According to standard image reconstruction theories, in order to reconstruct an image without aliasing artifacts, the sampling rate employed to acquire image data must satisfy the so-called Nyquist criterion, which is set forth in the Nyquist-Shannon sampling theorem. Moreover, in standard image reconstruction theories, no specific prior information about the image is needed. On the other hand, when some prior information about the desired or target image is available and appropriately incorporated into the image reconstruction procedure, an image can be accurately reconstructed even if the Nyquist criterion is violated. For example, if one knows that a desired target image consists of only a single point, then only two orthogonal projections that intersect at that point are needed to accurately reconstruct the image point.
If prior information is known about the desired target image, such as if the desired target image is a set of sparsely distributed points, it can be reconstructed from a set of data that was acquired in a manner that does not satisfy the Nyquist criterion. Put more generally, knowledge about the sparsity of the desired target image can be employed to relax the Nyquist criterion; however, it is a highly nontrivial task to generalize these arguments to formulate a rigorous image reconstruction theory.
The Nyquist criterion serves as one of the paramount foundations of the field of information science. However, it also plays a pivotal role in modern medical imaging modalities such as magnetic resonance imaging (“MRI”) and x-ray computed tomography (“CT”). When the number of data samples acquired by an imaging system is less than the requirement imposed by the Nyquist criterion, artifacts appear in the reconstructed images. In general, such image artifacts include aliasing and streaking artifacts. In practice, the Nyquist criterion is often violated, whether intentionally or through unavoidable circumstances. For example, in order to shorten the data acquisition time in a time-resolved MR angiography study, image data is often acquired using a radial sampling pattern that undersamples the peripheral portions of k-space.
Recently, a new mathematical framework for image reconstruction termed “compressed sensing” (CS) was formulated. In compressed sensing, only a small set of linear projections of a sparse image are required to reconstruct a quality image. The theory of CS is described by E. Candès, J. Romberg, and T. Tao, in “Robust uncertainty principles: Exact Signal Reconstruction from Highly Incomplete Frequency Information,” IEEE Transactions on Information Theory 2006; 52:489-509, and by D. Donoho in “Compressed Sensing,” IEEE Transactions on Information Theory 2006; 52:1289-1306, and is disclosed, for example, in U.S. Pat. No. 7,646,924.
The work of Candès, et al., and Donoho produced both exact and approximate recovery sampling conditions for convex functionals, albeit with a higher sampling constant. In aspiration of reducing sampling requirements closer to the l0-associated theoretical limit, quasi-convex, almost everywhere (“a.e.”) differentiable prior functionals, such as P(v)=∥v∥pp with 0<p≦1 have been investigated recently. Such prior functionals more closely resemble the target l0-norm than does the l1-norm. While these methods cannot guarantee numerical achievement of global minima, they consistently outperform analogous convex techniques in practice.
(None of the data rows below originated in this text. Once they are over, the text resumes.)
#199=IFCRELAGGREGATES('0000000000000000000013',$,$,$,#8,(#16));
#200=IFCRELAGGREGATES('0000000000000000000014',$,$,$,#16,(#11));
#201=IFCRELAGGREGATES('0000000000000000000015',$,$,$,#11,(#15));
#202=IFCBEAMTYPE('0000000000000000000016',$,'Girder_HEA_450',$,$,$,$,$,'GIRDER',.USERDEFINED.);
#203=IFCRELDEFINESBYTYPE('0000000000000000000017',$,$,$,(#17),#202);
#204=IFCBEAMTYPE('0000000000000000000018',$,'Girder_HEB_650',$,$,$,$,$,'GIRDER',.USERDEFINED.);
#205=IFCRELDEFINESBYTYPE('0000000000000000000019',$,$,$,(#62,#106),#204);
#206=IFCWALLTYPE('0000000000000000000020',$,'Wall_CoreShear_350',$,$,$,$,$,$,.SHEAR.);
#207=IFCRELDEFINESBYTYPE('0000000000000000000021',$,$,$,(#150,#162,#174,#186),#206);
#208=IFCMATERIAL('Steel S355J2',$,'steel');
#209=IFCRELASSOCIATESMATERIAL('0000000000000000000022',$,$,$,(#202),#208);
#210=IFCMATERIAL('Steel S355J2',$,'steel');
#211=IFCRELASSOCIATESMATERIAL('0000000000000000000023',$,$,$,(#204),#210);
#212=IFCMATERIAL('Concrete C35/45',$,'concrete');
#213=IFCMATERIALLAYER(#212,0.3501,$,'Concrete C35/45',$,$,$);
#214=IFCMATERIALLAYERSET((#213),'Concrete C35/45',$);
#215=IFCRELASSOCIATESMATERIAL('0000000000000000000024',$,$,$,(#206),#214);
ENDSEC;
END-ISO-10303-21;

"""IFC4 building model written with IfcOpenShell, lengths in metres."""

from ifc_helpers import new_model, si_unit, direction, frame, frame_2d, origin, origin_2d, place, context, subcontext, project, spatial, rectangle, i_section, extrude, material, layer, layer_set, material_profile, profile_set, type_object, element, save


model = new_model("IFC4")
The field of medical imaging can benefit from compressed sensing. In x-ray computed tomography (“CT”), fewer measurements translates to a lower radiation dose received by the patient. Similarly, in magnetic resonance imaging (“MRI”), decreasing the required number of measurements necessary to form an image allows for faster exams, which improves patient comfort and thereby minimizes the likelihood of subject motion. Additionally, clinical throughput is increased which potentially translates to reduced patient costs.
While natural and medical images share many characteristics, differences between the applications do exist and several key features unique to medical imaging have yet to be exploited within CS. In medical imaging, in general, image background is often defined by zero signal. Moreover, the spatial support of objects of interest in medical images is often known a priori or can be easily estimated. For example, in time-resolved HYPR imaging, as described, for example, by C. Mistretta, et al., in “Highly Constrained Backprojection for Time-Resolved MRI,” Magnetic Resonance in Medicine, 2006; 55(1):30-40, object support in a single time-frame is a subset of the support of the composite image used in the constrained backprojection operation. Support information could also be estimated from the low-resolution “scout” images typically acquired during pre-scan localization in both MRI and CT.
It would therefore be desirable to provide a method for image reconstruction that utilizes the framework of compressed sensing, while allowing a faster, more robust reconstruction process that is closer to an l0-minimization.